The hillsides were steep and heavily wooded, there were two rivers which converged on the valley floor, raw materials to produce tin were on hand wood to make charcoal to fuel the furnaces and water for power in the works. In 1846, a member of the Conway(1) family of Pontypool together with his partners opened the Abertillery Tin Works on the banks of the Ebbw Fach, near the mouth of the Tillery stream (Aber), and abutting the tramline from Nantyglo, from which it obtained its raw material. The wood was ran down the steep sides of the Arael Mountain to the furnaces, Leats were made collecting the waters of the Ebbw and the Tillery into a pond known as the Forge Pond. This was used to power a huge water wheel, which worked the leather bellows to produce the air draught and other machinery used in the works. Soon it employed over 100 people.

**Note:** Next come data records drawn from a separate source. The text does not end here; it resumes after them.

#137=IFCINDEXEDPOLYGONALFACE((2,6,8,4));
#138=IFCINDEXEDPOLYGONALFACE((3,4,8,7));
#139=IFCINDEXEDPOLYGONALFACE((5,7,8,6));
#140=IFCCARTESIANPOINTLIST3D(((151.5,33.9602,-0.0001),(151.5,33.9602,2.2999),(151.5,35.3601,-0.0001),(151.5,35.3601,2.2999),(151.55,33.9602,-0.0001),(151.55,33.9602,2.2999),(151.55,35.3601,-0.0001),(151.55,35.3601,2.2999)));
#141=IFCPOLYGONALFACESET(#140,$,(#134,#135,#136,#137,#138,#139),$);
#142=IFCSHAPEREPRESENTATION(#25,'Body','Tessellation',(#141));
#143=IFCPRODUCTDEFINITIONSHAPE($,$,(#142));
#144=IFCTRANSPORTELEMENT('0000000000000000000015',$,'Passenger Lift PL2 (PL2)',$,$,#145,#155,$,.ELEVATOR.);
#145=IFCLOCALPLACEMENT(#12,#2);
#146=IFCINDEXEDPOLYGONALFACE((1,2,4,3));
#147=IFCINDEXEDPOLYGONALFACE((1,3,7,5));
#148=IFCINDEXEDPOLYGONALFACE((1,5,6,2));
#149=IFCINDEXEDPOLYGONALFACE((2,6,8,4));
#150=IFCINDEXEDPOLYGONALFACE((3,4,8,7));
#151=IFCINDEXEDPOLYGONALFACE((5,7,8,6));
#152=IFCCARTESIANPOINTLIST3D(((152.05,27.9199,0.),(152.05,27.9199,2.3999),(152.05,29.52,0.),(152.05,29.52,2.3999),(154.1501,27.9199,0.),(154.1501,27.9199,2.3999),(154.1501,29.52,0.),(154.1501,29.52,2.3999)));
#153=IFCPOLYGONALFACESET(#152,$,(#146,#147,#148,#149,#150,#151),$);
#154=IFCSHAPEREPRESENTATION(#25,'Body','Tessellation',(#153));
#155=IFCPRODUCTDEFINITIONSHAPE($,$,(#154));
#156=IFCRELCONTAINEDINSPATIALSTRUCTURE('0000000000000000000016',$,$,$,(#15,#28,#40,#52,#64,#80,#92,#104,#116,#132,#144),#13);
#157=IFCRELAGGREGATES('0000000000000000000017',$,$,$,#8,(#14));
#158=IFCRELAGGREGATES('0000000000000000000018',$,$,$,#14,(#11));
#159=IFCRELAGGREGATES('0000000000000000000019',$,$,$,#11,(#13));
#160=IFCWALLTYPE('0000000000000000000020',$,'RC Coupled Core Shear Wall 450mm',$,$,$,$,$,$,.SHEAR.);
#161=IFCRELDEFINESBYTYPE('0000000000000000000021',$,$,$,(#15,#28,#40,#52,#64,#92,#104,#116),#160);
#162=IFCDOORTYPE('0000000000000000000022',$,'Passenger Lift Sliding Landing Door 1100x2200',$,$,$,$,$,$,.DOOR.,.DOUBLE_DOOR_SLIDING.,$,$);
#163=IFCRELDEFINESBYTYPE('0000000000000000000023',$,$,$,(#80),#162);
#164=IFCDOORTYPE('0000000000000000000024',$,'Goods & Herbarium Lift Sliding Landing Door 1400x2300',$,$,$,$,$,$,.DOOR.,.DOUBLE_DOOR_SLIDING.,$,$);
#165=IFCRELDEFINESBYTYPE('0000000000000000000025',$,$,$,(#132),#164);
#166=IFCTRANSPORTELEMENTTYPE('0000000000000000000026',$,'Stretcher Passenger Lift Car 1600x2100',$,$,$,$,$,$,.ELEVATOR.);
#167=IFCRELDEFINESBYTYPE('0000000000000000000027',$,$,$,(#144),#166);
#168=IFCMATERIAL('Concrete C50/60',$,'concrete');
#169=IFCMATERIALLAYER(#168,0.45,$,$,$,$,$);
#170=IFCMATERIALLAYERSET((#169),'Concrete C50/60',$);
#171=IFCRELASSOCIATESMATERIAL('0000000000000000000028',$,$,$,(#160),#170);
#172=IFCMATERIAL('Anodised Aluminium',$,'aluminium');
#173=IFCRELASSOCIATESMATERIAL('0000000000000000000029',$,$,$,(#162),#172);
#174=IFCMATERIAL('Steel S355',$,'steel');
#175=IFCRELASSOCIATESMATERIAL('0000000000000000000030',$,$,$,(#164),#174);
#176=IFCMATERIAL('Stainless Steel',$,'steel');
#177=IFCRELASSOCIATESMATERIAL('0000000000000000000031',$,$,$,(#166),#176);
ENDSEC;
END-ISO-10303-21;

Coal eventually superseded charcoal as fuel for the furnaces; the iron was changed for a better quality that could be rolled more easily. The bars supplied to a required size were first cut by a strong shears, and then placed in the mill furnaces, after they reached the right temperature they were rolled into thin sheets and cleaned by washing them in sulphuric acid. The sheets were then cold rolled, to give them a good surface, annealed to soften the metal and finally dipped into molten tin for a thin coating of tin to prevent rusting.
The first settlement in Abertillery grew up around the Tin works on a hill overlooking the works called "The Twmp. The Royal Oak Public House at its centre was used by Anglicans as a meeting place when the weather was too bad to travel to the Parish Church of St, Peter’s in Blaina.
As I reported in last May’s museum matters it was now that the Welsh Calvinistic Chapel was built. The round stained glass window in the museum was part of this chapel so when you look at it ponder on the people who raised the money to build it, their way of life and the fact that most were Welsh speaking, there was an influx of immigrants at this time which has been likened to the Welsh Klondike.